After three months, when the students had to write their report, annotations have been extensively used as a way to summarize the documents. After the document title and document type, the search engine provided with Yawas returns the concatenation of the texts highlighted in each document. When the query is empty, the search engine returns the complete set of documents. This functionality was used to get the summaries of all the documents. Several students did not need to access the full text of the document to retrieve what they were looking for. This result suggests that the highlighted texts can improve information access and retrieval. The group who used a traditional bookmark was obviously unable to produce such summaries. Although not allowed in the experiment, students in this group printed the documents and annotated them. The students also extensively used Yawas to score the documents. Yawas was customized so that ratings (*, **, ***) could be attached to each annotation. Yawas has also been extensively used to know what other students had already read. This result confirms that annotations have a clear value to future readers (Marshall, 1998).

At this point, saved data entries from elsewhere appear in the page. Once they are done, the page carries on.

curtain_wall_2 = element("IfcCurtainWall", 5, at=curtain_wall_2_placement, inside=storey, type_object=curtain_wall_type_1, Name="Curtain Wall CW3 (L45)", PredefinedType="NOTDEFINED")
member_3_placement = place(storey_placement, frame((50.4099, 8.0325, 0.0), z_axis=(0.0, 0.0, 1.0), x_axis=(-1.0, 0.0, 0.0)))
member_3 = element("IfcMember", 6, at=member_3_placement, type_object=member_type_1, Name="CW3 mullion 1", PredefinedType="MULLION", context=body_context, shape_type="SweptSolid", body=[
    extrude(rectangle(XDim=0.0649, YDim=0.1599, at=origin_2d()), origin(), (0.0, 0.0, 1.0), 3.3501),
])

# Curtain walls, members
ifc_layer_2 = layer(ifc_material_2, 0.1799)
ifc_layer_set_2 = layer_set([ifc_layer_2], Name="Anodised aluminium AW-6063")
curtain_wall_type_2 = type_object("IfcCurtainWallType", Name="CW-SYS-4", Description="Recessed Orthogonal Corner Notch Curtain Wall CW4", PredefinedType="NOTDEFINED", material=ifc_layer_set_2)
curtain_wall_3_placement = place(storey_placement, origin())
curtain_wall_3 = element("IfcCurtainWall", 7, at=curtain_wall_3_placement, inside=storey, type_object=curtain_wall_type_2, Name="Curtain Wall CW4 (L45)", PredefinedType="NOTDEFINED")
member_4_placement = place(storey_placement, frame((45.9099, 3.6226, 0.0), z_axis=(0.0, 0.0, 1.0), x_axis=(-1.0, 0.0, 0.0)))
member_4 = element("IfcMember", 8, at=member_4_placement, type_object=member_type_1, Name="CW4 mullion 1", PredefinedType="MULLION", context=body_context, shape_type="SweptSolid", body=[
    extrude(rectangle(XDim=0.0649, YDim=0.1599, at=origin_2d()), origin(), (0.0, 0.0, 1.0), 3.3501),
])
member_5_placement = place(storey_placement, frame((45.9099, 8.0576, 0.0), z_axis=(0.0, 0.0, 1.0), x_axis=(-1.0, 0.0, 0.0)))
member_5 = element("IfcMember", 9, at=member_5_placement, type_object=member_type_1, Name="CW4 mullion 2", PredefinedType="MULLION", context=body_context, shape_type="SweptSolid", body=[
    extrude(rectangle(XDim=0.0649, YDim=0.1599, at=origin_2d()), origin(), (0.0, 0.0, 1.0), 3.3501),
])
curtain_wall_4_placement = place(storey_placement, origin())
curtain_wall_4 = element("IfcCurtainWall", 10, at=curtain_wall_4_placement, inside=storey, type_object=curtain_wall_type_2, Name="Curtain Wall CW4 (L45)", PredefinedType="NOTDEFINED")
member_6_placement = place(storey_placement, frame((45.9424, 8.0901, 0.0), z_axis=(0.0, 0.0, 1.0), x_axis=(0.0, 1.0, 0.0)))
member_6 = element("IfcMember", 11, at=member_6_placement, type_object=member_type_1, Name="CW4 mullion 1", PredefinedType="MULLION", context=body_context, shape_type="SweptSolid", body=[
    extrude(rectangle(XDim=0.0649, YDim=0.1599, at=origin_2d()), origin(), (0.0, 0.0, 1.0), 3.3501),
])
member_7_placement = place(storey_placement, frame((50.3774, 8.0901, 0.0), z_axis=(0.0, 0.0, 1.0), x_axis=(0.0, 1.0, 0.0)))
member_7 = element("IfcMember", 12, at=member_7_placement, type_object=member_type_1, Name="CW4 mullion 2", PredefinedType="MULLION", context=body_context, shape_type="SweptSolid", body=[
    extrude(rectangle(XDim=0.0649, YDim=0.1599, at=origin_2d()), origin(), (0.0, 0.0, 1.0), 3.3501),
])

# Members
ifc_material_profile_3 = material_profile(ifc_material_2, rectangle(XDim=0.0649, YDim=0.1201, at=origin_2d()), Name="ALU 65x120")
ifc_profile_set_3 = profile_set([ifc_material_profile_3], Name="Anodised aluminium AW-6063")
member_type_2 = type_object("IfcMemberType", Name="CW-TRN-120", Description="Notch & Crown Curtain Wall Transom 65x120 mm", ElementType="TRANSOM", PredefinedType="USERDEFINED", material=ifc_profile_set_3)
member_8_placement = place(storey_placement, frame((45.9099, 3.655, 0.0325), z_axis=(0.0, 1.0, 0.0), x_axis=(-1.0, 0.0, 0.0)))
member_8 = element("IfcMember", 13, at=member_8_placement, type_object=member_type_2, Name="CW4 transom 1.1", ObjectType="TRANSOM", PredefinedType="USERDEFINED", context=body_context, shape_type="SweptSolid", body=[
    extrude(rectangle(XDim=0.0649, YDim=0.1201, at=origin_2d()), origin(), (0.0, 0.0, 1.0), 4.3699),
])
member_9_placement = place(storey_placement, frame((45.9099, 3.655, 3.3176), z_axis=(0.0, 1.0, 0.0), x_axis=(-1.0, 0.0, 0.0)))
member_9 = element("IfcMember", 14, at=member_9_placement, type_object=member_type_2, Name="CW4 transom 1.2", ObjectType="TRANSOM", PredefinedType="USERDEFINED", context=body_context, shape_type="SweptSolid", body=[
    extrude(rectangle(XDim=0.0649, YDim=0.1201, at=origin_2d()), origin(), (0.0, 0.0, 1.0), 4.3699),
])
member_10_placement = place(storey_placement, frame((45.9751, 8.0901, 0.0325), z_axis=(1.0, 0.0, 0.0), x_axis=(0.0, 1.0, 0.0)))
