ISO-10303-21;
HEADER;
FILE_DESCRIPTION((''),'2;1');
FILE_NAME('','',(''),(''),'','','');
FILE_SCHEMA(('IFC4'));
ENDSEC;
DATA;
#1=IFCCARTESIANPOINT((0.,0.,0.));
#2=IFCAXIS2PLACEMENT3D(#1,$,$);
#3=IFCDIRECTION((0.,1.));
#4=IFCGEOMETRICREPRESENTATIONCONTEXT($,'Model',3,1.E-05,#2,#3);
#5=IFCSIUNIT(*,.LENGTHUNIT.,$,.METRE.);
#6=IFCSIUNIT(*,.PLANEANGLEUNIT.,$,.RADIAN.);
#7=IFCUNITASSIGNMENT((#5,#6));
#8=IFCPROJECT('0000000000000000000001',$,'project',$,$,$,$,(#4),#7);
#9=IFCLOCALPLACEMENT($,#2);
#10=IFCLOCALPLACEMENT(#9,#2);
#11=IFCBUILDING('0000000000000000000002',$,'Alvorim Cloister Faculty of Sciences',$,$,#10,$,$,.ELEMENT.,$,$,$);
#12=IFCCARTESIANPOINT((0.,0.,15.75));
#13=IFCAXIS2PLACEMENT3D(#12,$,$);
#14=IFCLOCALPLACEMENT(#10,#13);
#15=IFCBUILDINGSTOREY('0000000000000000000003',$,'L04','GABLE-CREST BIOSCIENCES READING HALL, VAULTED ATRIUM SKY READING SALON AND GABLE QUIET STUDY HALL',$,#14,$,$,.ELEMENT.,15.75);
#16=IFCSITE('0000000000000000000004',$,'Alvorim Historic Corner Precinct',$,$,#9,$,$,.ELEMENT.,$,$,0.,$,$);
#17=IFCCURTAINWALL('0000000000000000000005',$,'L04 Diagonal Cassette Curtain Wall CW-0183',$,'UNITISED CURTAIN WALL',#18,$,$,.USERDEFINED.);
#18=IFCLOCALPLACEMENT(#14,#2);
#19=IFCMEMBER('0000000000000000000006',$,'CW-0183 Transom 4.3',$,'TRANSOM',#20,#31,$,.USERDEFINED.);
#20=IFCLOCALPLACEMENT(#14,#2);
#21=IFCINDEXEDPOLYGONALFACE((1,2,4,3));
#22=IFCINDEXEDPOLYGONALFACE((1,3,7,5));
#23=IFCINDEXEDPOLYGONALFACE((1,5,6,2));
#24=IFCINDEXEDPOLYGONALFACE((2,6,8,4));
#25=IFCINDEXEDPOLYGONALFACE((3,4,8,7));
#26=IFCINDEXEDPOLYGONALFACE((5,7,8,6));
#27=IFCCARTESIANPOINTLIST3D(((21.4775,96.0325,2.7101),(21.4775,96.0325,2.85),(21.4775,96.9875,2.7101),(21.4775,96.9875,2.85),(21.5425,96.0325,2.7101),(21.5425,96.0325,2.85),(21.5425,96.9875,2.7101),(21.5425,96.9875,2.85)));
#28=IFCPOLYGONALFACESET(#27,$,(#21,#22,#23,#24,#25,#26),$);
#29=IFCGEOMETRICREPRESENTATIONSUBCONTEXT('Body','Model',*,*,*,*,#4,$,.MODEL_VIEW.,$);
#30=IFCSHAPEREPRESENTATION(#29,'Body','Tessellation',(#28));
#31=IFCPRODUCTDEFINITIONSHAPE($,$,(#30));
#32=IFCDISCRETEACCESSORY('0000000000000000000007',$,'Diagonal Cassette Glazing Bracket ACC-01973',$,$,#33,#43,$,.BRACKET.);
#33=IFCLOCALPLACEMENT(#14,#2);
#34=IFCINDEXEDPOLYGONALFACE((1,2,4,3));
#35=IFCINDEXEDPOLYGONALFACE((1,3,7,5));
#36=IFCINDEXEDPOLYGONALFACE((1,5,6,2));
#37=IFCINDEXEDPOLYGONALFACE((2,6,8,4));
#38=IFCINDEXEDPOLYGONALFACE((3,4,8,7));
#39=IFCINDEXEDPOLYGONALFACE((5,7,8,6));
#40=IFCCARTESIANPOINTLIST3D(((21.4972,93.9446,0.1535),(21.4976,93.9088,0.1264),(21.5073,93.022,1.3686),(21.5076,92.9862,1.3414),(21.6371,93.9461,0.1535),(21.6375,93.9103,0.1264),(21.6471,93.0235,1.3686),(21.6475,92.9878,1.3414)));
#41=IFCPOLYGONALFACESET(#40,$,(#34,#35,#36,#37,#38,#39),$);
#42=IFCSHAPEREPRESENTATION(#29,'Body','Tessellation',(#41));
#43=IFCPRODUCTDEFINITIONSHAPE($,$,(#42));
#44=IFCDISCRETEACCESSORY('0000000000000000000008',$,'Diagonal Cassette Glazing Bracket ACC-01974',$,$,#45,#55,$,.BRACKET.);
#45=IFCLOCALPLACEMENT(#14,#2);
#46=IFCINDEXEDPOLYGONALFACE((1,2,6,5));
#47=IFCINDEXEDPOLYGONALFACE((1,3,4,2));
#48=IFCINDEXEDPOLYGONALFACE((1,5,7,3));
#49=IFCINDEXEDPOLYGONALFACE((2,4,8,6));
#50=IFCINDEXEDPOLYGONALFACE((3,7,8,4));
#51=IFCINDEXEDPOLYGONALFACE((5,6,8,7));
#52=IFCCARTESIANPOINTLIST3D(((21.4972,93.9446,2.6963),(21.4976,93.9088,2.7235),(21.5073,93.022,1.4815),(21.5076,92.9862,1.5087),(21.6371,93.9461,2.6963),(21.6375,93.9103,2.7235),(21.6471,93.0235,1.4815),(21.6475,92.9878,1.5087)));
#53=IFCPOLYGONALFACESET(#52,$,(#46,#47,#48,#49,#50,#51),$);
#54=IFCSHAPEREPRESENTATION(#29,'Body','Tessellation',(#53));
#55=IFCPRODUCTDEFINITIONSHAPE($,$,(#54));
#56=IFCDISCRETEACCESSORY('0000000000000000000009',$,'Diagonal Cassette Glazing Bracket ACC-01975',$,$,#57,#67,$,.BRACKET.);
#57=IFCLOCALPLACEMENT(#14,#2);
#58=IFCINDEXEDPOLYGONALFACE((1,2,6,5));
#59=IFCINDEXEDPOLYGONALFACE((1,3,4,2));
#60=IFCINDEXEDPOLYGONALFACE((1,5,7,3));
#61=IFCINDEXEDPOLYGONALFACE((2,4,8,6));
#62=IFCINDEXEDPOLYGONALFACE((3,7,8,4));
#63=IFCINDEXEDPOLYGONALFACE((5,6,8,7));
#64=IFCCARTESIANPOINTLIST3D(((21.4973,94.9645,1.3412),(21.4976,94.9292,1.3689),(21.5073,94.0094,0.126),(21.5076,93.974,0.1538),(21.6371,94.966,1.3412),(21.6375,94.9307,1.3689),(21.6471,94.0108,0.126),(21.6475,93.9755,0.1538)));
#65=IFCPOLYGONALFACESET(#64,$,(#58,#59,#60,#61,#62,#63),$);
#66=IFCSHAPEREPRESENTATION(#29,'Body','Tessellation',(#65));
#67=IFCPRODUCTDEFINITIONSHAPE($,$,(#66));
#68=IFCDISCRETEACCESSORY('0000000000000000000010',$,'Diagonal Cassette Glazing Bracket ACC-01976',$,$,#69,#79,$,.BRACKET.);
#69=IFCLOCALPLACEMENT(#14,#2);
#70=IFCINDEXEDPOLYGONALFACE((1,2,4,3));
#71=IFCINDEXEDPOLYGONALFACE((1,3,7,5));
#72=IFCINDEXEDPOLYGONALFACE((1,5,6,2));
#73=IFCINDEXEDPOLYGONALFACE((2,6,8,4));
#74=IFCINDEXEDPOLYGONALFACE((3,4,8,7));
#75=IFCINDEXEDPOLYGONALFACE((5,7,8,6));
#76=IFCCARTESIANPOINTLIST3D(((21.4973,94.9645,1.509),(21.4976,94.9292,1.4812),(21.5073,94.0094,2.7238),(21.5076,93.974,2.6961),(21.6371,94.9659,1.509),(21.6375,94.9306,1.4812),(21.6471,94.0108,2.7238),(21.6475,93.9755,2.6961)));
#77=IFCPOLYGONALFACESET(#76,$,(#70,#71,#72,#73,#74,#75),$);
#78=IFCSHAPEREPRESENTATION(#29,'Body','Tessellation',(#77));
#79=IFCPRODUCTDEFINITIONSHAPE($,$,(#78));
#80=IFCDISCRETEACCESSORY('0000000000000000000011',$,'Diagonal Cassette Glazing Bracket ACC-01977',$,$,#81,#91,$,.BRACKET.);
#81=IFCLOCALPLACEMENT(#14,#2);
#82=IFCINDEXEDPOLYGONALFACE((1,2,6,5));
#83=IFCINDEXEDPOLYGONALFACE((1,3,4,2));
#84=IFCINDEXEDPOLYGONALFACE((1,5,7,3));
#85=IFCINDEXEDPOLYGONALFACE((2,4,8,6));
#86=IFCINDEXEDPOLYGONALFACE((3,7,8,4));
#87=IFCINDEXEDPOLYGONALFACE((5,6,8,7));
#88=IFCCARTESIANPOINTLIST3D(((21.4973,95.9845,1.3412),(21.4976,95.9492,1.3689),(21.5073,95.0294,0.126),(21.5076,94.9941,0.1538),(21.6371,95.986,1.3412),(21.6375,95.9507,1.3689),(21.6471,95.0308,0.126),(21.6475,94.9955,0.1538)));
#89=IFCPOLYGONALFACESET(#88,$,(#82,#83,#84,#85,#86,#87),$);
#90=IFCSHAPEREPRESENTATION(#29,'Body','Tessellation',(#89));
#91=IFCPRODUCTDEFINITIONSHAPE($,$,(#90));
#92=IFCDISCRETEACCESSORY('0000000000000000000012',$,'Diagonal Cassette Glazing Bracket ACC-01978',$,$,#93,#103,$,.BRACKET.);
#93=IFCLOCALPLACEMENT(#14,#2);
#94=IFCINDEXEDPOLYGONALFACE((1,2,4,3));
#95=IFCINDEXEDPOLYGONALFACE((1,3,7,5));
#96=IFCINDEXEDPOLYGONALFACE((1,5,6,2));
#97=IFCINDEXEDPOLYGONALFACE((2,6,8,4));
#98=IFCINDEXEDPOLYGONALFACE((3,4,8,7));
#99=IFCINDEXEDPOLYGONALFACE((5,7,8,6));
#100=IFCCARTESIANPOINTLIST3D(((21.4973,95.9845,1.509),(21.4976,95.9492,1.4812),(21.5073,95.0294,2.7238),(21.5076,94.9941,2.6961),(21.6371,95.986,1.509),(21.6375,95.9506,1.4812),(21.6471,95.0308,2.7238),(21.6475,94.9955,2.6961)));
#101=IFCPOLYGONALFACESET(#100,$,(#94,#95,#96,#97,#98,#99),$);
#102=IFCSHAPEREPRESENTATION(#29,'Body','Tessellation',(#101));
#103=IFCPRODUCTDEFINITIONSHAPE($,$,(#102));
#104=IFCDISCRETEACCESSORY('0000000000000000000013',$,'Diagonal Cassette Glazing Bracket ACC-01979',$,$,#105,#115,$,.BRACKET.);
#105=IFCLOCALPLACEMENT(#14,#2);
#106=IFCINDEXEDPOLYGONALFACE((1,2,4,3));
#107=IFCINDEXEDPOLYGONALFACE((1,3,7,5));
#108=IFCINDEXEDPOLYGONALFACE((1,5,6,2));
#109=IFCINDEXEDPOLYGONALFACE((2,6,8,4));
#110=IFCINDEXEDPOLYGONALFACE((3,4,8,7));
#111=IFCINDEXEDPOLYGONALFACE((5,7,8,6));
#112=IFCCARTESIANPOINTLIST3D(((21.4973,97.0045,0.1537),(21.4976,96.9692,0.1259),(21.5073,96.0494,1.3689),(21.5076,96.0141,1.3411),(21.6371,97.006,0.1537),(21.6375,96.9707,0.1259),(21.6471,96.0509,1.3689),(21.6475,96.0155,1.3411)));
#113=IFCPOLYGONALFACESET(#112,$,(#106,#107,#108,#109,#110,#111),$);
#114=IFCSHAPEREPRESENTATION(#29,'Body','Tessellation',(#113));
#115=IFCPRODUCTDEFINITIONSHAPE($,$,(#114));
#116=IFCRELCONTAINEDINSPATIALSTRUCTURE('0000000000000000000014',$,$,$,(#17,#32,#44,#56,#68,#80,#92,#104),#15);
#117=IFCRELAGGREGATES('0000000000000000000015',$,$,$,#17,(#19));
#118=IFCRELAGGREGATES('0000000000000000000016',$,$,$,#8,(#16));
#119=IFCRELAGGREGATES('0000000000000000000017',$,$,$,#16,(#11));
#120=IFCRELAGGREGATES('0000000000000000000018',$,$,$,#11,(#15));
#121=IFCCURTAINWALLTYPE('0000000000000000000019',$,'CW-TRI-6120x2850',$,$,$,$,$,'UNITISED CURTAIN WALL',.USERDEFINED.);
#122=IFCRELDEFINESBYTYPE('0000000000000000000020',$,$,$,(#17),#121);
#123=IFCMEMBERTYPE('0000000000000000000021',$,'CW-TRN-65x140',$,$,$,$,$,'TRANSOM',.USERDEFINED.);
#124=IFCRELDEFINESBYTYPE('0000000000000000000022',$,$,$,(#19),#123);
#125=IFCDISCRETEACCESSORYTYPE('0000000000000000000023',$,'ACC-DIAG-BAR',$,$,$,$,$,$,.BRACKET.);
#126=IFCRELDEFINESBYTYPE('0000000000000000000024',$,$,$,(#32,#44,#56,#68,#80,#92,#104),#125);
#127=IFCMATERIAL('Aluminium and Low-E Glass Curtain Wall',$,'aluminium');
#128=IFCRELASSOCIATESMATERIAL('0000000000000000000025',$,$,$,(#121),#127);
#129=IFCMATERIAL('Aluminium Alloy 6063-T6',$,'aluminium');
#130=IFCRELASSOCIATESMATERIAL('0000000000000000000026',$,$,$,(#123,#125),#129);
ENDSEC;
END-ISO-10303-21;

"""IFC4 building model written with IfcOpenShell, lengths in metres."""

from ifc_helpers import new_model, si_unit, direction, frame, origin, origin_2d, place, context, subcontext, project, spatial, rectangle, extrude, material, material_profile, profile_set, type_object, element, aggregate, save


model = new_model("IFC4")

# Units and contexts
model_context = context("Model", 3, precision=1e-05, world=origin(), true_north=direction((0.0, 1.0)))
body_context = subcontext(model_context, "Body", "Model", "MODEL_VIEW")
ifc_project = project(units=[si_unit("LENGTHUNIT", "METRE"), si_unit("PLANEANGLEUNIT", "RADIAN")], contexts=[model_context])

# Site, building, storey
site_placement = place(None, origin())
site = spatial("IfcSite", under=ifc_project, at=site_placement, Name="Alvorim Historic Corner Precinct", CompositionType="ELEMENT", RefElevation=0.0)
building_placement = place(site_placement, origin())
building = spatial("IfcBuilding", under=site, at=building_placement, Name="Alvorim Cloister Faculty of Sciences", CompositionType="ELEMENT")
storey_placement = place(building_placement, frame((0.0, 0.0, 15.75)))
storey = spatial("IfcBuildingStorey", under=building, at=storey_placement, Name="L04", Description="GABLE-CREST BIOSCIENCES READING HALL, VAULTED ATRIUM SKY READING SALON AND GABLE QUIET STUDY HALL", CompositionType="ELEMENT", Elevation=15.75)

# Curtain wall, member
ifc_material_1 = material(Name="Aluminium and Low-E Glass Curtain Wall", Category="aluminium")
curtain_wall_type = type_object("IfcCurtainWallType", Name="CW-TRI-6120x2850", ElementType="UNITISED CURTAIN WALL", PredefinedType="USERDEFINED", material=ifc_material_1)
curtain_wall_placement = place(storey_placement, origin())
curtain_wall = element("IfcCurtainWall", 1, at=curtain_wall_placement, inside=storey, type_object=curtain_wall_type, Name="L04 Diagonal Cassette Curtain Wall CW-0183", ObjectType="UNITISED CURTAIN WALL", PredefinedType="USERDEFINED")
ifc_material_2 = material(Name="Aluminium Alloy 6063-T6", Category="aluminium")
ifc_material_profile_1 = material_profile(ifc_material_2, rectangle(XDim=0.0649, YDim=0.1399, at=origin_2d()), Name="ALU-TRN-65x140")
ifc_profile_set_1 = profile_set([ifc_material_profile_1], Name="Aluminium Alloy 6063-T6")
member_type_1 = type_object("IfcMemberType", Name="CW-TRN-65x140", ElementType="TRANSOM", PredefinedType="USERDEFINED", material=ifc_profile_set_1)
member_1_placement = place(storey_placement, frame((21.51, 96.0325, 2.78), z_axis=(0.0, 1.0, 0.0), x_axis=(-1.0, 0.0, 0.0)))
member_1 = element("IfcMember", 2, at=member_1_placement, type_object=member_type_1, Name="CW-0183 Transom 4.3", ObjectType="TRANSOM", PredefinedType="USERDEFINED", context=body_context, shape_type="SweptSolid", body=[
    extrude(rectangle(XDim=0.0649, YDim=0.1399, at=origin_2d()), origin(), (0.0, 0.0, 1.0), 0.9551),
])
aggregate(curtain_wall, [member_1])

# Discrete accessories
discrete_accessory_type = type_object("IfcDiscreteAccessoryType", Name="ACC-DIAG-BAR", PredefinedType="BRACKET", material=ifc_material_2)
discrete_accessory_1_placement = place(storey_placement, frame((21.5774, 93.0049, 1.355), z_axis=(-0.006561, 0.604713, -0.796416), x_axis=(-0.999941, -0.010849, 0.0)))
element("IfcDiscreteAccessory", 3, at=discrete_accessory_1_placement, inside=storey, type_object=discrete_accessory_type, Name="Diagonal Cassette Glazing Bracket ACC-01973", PredefinedType="BRACKET", context=body_context, shape_type="SweptSolid", body=[
    extrude(rectangle(XDim=0.1399, YDim=0.0449, at=origin_2d()), origin(), (0.0, 0.0, 1.0), 1.5256),
])
discrete_accessory_2_placement = place(storey_placement, frame((21.5774, 93.0049, 1.4951), z_axis=(-0.006562, 0.60479, 0.796358), x_axis=(-0.999941, -0.010849, 0.0)))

Future work Automatic document clustering has already been applied on the document set consisting of 350 documents and 1200 annotation anchors. Hierarchical agglomerative clustering was used as in (Mareek, 1996). Although more comparisons are required, our preliminary results show that annotation-based clustering is better at identifying similar documents compared to a full text clustering. However, many small clusters were found in the annotation-based clustering and a mixture of both methods is now under way. For instance, greater importance could be given to the highlighted words. A similar approach has successfully been applied in (Weiss, 1996) where greater weights were given to the words contained inside specific HTML tags like ,
, and . After an initial clustering has been proposed to the users, newly highlighted documents should be properly inserted into this existing classification. We are studying how the annotations can help. A problem occurs when a document is highlighted for the first time : the automatic classifier is given little information. We suggest to boost the classifier with the words already highlighted in the classified documents. We thus give the classifier more information to compute a similarity with the other documents. When there is no existing classification scheme, (Li, 1998) suggested to use Internet search engines as automatic classifiers. The advantage of using an existing search engine is to get a meaningful category name since they are manually selected. To classify a document, the method selects significant words from the document and then issues a query to the search engine. Significant words are usually selected using word frequency and inverse document frequency. The search engine then returns the documents found similar to this request along with their category. Similarly, we will use the highlighted texts as significant words and see how the classification changes. We expect it to be more user-directed. Even if existing search engines could be used to find the topic of a document, this approach should be combined with a more traditional approach where user defined categories are considered. With Yawas, each annotation has an attribute called “document type”. Examples include “scientific paper”, “home page”, “discussion forum”, “news”... These user defined categories do not necessary exist in existing search engines. Preliminary results also showed that annotations can be used to summarize the documents. Recent research in automatic document summarization (Lopez, 1999 ; Tombros, 1998) demonstrated the benefits of using query terms to produce personalized document summaries. Similarly, highlighted texts could be used to build user-directed document summaries. Document summaries are important for information access and the simple concatenation of highlighted texts has proved to be useful in one of our experiments. When using a search engine, these annotation-based summaries are used to decide if a
document should be read or not. In a future experiment, we will measure users' speed and accuracy in classifying documents when they use the annotation-based summaries or more typical summaries like the title and first few sentences of the documents. Recently, (Phelps, 2000b) introduced robust hyperlinks to deal with the problem of broken URLs. A signature consisting of 5 words is computed for a document. When submitted as a query to search engines, the signatures can retrieve the document whose URL has changed. Even if the highlighted words help users to understand the content of a page, more investigation is still required to test if these words could be used to compute robust hyperlinks in order to retrieve the document whose URL has changed.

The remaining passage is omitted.